Pilot 3: School Food Waste Education

Food Rescue MAINE has collaborated with teachers across Maine both to create and compile educational material for young students. We currently have material available for preschool and ages k-5. We will soon add the high school food system curriculum to our website as well.

Goals

  1. To create a fun and engaging elementary curriculum vetted by Maine teachers.
  2. To engage Maine’s youth in food system education, hopefully impacting their lives and the lives of their families and communities.

Methodology 

  1. In order to bring this curriculum to k-5 programs in Maine, we first had to learn from school teachers about what they needed.
  2. We worked with EcoMaine to develop lesson plans, worksheets, and take-home materials for the classroom.
  3. These material were tested in the classroom and eventually added to a curriculum plan.
  4. The materials were eventually compiled by a student intern, along with other expert materials outside of our organization, such as a slideshow created by World Wildlife Foundations and several other examples.
  5. We reviewed and revised this material with many educators and students across the state.
  6. Throughout this process, we worked with amazing teachers like Anna Franceschetti, a garden teacher from the Geral E. Talbot Community School in Portland. Anna has been working with a combination of her own vetted food system lessons, along with the special program curriculum that we created based on her ideas.
  7. This process of improving our curriculum for Maine students is ongoing, and we look forward to working with more schools in the future.

Results 

Anna Franceschetti and her garden classroom students collected 1,452 pounds of food waste in their first year of food waste collection.

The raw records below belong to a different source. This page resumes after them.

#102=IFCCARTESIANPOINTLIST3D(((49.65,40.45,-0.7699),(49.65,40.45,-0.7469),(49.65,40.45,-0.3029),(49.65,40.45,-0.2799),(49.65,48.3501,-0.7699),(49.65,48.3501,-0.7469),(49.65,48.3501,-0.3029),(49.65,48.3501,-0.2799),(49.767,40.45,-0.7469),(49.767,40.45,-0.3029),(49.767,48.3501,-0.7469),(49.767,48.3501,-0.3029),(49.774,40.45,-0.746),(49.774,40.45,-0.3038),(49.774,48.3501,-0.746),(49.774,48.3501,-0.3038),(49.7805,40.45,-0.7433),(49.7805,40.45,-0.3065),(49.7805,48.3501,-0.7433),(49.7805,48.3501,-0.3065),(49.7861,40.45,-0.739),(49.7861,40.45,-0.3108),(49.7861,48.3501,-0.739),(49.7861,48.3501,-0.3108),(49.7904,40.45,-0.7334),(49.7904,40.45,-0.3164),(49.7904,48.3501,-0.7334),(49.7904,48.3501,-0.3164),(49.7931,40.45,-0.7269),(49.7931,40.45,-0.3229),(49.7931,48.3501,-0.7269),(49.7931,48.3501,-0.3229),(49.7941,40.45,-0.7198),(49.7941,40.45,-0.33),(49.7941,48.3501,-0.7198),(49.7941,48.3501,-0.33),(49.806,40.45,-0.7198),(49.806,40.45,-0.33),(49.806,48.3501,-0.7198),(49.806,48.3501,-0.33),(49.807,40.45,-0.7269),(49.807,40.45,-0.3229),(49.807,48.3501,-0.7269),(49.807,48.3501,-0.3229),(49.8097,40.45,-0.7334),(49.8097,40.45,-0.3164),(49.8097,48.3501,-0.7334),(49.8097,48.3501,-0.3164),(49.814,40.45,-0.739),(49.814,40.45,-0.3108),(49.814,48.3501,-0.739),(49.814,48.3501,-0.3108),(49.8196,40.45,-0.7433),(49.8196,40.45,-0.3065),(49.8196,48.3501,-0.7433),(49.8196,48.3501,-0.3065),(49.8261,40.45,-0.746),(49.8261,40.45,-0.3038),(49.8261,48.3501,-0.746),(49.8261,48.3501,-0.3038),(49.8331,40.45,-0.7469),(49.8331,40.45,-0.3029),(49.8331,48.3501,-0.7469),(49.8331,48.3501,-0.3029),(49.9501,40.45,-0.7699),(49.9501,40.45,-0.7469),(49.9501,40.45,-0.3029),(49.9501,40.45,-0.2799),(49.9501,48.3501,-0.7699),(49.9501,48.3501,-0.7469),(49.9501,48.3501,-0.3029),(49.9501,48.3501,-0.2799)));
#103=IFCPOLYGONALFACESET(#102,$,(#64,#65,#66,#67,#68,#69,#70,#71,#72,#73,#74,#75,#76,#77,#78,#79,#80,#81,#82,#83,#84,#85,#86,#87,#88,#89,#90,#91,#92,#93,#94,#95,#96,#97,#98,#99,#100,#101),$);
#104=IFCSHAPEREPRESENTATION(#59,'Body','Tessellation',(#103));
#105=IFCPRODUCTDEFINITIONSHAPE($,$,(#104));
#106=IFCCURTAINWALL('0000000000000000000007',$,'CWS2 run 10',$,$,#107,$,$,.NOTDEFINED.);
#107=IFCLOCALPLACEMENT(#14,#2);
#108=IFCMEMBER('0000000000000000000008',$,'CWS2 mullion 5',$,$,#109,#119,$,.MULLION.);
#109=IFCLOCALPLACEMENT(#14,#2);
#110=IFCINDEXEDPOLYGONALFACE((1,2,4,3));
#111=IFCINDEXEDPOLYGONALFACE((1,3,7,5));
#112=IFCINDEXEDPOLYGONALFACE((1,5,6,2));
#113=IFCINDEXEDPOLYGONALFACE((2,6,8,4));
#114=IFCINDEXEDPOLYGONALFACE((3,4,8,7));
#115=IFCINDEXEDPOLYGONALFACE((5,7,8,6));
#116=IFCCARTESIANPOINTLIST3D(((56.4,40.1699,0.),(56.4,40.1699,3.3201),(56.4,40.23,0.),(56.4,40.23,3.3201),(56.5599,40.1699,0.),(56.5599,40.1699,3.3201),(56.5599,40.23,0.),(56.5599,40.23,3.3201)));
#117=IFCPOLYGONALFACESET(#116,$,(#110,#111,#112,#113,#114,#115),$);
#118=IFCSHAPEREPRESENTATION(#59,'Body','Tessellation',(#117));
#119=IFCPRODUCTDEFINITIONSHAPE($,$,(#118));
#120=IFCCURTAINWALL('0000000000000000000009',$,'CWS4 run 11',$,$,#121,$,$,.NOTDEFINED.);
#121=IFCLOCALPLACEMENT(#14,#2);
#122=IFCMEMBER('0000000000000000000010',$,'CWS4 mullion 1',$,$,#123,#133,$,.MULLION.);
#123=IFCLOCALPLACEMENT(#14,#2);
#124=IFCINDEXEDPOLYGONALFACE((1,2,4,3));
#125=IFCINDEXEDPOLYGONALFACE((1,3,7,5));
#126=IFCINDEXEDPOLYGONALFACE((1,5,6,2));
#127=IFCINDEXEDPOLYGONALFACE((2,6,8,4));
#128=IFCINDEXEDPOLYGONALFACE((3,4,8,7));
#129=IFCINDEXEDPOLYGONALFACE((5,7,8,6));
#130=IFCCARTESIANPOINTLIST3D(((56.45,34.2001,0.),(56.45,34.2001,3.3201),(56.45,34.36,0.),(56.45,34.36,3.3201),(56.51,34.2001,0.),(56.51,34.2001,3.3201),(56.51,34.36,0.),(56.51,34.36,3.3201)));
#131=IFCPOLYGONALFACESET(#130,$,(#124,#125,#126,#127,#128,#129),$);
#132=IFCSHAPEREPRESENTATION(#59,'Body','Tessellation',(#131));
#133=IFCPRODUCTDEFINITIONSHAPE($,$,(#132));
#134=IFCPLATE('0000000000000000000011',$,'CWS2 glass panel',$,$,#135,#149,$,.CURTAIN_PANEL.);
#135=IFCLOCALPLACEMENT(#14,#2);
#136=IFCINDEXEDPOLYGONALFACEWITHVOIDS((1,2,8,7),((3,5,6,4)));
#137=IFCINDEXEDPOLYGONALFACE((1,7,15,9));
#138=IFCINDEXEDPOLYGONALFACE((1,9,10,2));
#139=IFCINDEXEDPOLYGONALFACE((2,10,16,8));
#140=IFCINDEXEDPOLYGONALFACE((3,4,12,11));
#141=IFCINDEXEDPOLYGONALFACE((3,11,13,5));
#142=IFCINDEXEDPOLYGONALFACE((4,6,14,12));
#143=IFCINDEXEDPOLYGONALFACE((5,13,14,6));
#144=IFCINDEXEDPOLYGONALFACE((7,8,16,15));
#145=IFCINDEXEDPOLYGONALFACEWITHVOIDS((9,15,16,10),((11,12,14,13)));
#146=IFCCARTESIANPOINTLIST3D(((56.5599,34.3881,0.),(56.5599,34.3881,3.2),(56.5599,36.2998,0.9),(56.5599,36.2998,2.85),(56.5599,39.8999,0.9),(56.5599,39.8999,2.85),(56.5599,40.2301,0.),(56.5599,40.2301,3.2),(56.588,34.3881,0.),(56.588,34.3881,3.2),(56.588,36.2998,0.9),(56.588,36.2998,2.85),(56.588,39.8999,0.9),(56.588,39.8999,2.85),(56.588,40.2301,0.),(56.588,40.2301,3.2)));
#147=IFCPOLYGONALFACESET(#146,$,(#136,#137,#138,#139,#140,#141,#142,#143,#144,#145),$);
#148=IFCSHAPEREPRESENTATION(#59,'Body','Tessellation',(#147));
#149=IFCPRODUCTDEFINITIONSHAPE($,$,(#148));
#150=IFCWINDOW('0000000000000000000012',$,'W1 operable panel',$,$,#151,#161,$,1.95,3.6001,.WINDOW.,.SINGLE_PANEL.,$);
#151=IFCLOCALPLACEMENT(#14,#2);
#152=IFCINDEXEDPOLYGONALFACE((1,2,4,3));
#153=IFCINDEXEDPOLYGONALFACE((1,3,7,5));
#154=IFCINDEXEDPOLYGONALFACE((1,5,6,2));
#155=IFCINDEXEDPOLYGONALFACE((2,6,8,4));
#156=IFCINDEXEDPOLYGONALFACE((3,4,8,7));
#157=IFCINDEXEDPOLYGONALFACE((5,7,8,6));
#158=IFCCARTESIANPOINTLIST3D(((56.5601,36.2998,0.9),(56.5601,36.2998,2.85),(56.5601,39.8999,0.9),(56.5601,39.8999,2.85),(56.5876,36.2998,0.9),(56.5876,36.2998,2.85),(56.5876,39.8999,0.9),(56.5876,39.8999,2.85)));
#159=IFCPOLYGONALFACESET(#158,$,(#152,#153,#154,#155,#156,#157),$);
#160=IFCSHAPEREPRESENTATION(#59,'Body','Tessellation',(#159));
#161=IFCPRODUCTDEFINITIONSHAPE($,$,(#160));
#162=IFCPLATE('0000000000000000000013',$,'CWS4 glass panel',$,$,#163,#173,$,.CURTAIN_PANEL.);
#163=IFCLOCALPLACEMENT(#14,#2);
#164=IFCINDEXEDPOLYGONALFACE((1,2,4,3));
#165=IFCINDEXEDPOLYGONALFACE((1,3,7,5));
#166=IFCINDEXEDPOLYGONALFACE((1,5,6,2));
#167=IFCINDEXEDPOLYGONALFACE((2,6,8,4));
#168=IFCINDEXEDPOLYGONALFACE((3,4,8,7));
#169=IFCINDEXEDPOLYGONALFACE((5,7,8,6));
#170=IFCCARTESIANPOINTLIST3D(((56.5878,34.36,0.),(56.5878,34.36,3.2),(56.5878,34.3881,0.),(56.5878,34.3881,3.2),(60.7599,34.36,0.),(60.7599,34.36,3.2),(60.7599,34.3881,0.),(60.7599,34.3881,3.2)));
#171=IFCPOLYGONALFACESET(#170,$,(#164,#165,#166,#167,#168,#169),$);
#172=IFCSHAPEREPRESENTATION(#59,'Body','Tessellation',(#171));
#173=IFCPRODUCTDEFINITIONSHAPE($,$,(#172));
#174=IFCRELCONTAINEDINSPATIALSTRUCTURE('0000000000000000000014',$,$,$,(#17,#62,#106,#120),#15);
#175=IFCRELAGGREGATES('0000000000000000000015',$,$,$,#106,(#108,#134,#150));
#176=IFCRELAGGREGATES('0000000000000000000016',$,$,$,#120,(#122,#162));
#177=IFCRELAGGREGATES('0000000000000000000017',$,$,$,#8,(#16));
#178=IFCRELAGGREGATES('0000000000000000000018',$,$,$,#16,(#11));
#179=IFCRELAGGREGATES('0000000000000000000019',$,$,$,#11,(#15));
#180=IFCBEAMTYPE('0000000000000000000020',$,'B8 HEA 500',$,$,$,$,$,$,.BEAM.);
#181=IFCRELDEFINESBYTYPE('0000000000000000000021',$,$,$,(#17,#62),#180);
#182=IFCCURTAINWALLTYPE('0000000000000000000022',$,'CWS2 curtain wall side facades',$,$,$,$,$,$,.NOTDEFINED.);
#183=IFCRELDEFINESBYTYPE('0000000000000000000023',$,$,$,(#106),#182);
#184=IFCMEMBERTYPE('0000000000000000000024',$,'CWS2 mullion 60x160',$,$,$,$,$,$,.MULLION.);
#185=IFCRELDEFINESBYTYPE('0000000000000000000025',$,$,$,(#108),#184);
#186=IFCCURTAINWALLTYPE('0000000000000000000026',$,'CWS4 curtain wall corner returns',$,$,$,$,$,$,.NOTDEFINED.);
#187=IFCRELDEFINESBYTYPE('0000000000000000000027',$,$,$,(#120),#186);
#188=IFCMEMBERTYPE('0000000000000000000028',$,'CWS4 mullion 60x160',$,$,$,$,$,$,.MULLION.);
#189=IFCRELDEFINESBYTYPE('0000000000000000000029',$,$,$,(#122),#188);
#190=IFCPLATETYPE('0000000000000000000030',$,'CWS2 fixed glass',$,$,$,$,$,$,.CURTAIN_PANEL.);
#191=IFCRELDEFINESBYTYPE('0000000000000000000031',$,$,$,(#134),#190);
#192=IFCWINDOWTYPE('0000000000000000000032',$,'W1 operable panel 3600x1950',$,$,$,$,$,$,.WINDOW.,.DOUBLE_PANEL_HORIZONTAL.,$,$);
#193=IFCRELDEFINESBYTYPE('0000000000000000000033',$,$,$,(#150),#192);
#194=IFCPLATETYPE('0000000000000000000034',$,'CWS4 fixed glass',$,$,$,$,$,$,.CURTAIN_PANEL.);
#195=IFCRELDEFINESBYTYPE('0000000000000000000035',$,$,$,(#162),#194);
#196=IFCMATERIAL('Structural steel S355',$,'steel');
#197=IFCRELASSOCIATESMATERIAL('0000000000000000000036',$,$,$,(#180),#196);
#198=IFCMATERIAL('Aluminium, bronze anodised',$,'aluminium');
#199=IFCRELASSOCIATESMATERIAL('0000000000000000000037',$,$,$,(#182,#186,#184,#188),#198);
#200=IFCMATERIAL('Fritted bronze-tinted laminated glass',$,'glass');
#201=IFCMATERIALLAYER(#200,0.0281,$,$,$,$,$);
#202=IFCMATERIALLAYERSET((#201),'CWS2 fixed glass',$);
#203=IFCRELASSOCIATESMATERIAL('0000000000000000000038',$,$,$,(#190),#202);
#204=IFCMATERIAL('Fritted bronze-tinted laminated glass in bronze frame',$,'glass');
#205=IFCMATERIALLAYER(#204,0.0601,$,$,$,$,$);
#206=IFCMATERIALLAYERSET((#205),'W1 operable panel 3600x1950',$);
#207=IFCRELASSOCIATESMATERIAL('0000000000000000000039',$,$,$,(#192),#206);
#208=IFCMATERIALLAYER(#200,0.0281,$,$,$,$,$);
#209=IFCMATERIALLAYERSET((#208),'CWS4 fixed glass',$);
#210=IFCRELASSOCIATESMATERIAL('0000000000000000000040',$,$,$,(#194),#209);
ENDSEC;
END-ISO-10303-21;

With the help of Franceschetti and her students, we were able to finalize the first edition of three different elementary curriculums:

  1. Traditional In-Class Curriculum
  2. Special Program Currciulum
  3. Cafeteria Guide

“We sat together in a circle and listened to the fifth-grade students’ amazing understanding of food waste- They could fully explain the steps of the food recovery hierarchy, and even how the decomposition process in composting works. The students have even created their own ‘garbage to garden-esque’ composting operation where they pick up food scraps from classrooms around the school and measure how much food they rescue from the trash each week. The day that I was there, they actually reached their 1,000 lb. benchmark” – Hannah Mathieu, Student Intern

picture of a fifth grade student from the Gerald E. Talbot Community School in Portland, Maine. Student is weighing a bucket of food waste.

A fifth-grade student weighing food waste collected from classrooms.